Photo log of :  Aster BR 96 build

A 4 cylinder compound 16 coupled wheels and 4 sets of outside valve gear, a true spectacle of power in motion. The Br96 was magnificent "Mallet".


----------



## BigRedOne (Dec 13, 2012)

I have one of these in HO - it's one of my favorite models. 

This is not a current Aster kit, right?


----------



## JEFF RUNGE (Jan 2, 2008)

Looks like the production date on the BR 96 was 1989.


----------



## BigRedOne (Dec 13, 2012)

I think Charles keeps them in his wine cellar until they are ready!


----------



## Charles (Jan 2, 2008)

Finished....

Aster BR96


----------



## Alan in Adirondacks (Jan 2, 2008)

Charles, 

Beautiful! 

Alan


----------



## Joe Johnson (Jan 2, 2008)

That is a pretty engine!! 

I do have one minor point. I wish you would not post the info that you are starting a build and then announce its completion less than a week later. We mere mortals sometimes have t struggle months to complete an Aster kit :-(


----------



## Steve S. (Jan 2, 2008)

Incredible engine !! I have always been an American engine prototype snob, but I have to admit that some of the European Aster engines seem even more complicated and detailed then their American Brothers and Sisters. What does the silicone tube from the top of the right front cylinder do ??


----------



## Charles (Jan 2, 2008)

Posted By Steve S. on 03 Jan 2014 07:03 AM 
Incredible engine !! I have always been an American engine prototype snob, but I have to admit that some of the European Aster engines seem even more complicated and detailed then their American Brothers and Sisters. What does the silicone tube from the top of the right front cylinder do ?? Steve
The front cylinders of this compound has steam coming from the rear cylinders. There is a bypass valve on the front cylinder set that will dump the "condensed wet steam" to the exhaust instead of allow it to flood the front cylinders. In doing so the condensed wet steam flows through the silicone tube. Once the rear cylinder is warmed then close the valve and the steam from the rear engine flows into the front cylinders.

Joe
The build actually took over a month to do. At times when we are doing several locomotive jobs getting time to post the work is limited.


----------



## Steve S. (Jan 2, 2008)

Charles, that is so cool the way that works, allowing the saturated steam and condensation to be removed via the front cylinder exhaust, without the use of drain cocks. 
Question: What has been the hardest Aster engine that Ryan and you have ever built?? I mean has there ever been one that when finished, you wiped your brow and went.............whooooooooo, hope we never have to build one of those again. Or, we should have charged a lot more for that build! 

Thanks, I always look forward to your photo build logs.


----------



## John Allman (Jan 2, 2008)

Steve : that's easy for me to say, though Ryan may differ.
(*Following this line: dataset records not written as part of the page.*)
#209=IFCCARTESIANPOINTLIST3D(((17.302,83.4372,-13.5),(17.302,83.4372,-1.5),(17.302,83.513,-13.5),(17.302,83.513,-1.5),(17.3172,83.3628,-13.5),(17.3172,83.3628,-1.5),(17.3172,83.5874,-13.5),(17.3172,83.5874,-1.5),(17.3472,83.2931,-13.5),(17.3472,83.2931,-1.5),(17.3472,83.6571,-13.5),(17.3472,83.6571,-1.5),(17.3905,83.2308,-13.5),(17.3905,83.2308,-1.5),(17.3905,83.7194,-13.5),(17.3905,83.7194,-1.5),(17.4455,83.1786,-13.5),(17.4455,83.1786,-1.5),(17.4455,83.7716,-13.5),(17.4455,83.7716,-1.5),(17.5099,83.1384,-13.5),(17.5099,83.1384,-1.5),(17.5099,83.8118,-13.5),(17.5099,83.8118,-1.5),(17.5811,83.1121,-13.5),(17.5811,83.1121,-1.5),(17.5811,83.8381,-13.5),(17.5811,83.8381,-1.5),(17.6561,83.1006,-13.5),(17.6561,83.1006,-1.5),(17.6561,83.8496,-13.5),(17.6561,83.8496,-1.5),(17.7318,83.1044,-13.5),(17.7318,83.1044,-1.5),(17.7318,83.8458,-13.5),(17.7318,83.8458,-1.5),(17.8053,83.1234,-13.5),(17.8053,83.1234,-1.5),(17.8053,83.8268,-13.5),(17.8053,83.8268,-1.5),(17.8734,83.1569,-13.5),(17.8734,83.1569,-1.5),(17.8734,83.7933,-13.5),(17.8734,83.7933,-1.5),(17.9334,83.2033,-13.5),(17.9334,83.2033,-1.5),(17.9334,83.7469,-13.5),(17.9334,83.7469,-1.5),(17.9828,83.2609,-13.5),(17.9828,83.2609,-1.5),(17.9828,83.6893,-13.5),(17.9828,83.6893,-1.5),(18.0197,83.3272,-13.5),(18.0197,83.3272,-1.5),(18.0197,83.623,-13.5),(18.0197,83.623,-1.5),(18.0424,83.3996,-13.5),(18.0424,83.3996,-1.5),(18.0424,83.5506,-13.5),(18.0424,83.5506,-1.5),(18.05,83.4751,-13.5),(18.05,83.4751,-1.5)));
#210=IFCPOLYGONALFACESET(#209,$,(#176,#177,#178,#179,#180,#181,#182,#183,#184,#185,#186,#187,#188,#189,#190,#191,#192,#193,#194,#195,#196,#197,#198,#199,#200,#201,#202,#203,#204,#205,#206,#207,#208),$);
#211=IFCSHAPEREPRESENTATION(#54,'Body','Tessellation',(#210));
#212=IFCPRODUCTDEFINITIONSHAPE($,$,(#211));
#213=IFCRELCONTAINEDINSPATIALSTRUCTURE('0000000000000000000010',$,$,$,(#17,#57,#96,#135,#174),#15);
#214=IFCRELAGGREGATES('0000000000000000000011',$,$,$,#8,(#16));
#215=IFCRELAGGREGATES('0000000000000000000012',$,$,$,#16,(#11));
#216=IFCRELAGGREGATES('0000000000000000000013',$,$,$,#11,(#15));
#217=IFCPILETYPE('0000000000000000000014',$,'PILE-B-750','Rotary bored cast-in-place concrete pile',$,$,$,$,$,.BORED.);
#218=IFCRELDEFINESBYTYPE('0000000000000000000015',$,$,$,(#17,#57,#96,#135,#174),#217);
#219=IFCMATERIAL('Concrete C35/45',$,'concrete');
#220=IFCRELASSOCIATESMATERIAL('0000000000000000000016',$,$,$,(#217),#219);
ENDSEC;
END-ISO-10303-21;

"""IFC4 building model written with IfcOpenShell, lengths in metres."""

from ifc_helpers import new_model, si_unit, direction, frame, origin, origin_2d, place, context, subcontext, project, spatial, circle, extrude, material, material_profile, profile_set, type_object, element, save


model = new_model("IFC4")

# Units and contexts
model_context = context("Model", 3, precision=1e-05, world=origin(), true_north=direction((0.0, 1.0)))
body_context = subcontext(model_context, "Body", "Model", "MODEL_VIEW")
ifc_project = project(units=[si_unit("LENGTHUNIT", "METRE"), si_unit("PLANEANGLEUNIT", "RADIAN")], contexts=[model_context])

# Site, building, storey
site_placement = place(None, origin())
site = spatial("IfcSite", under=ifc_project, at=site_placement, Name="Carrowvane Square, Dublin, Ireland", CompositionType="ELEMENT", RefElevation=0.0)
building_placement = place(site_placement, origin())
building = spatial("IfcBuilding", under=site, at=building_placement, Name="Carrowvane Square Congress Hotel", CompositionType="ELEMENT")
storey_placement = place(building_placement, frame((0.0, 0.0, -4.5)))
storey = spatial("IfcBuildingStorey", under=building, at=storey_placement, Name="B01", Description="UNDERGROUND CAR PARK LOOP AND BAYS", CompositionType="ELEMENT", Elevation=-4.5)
The H-8 was more difficult than any other that I have built, including the other 4 cylinder engine: Duchess, Challenger, King George or the Castle. All the two cylinder ones I build were functionally similar, so do not present much of a problem at all. (though they do take time!) 
My understanding from Hans is the new 241P will be quite the challenge to assemble, not just because of all the detail, but because of all the complexity of the running gear.


----------



## Charles (Jan 2, 2008)

Posted By Steve S. on 03 Jan 2014 04:30 PM 
Charles, that is so cool the way that works, allowing the saturated steam and condensation to be removed via the front cylinder exhaust, without the use of drain cocks. Question: What has been the hardest Aster engine that Ryan and you have ever built?? I mean has there ever been one that when finished, you wiped your brow and went.............whooooooooo, hope we never have to build one of those again. Or, we should have charged a lot more for that build! Thanks, I always look forward to your photo build logs. 
Steve

I second John in the we believe the 241P we will be building might earn the title of most challenging kit build.


----------



## Charles (Jan 2, 2008)

Aster BR96 has finished the quality control testing with a steam up. Wonderful compound locomotive:


Aster BR96


----------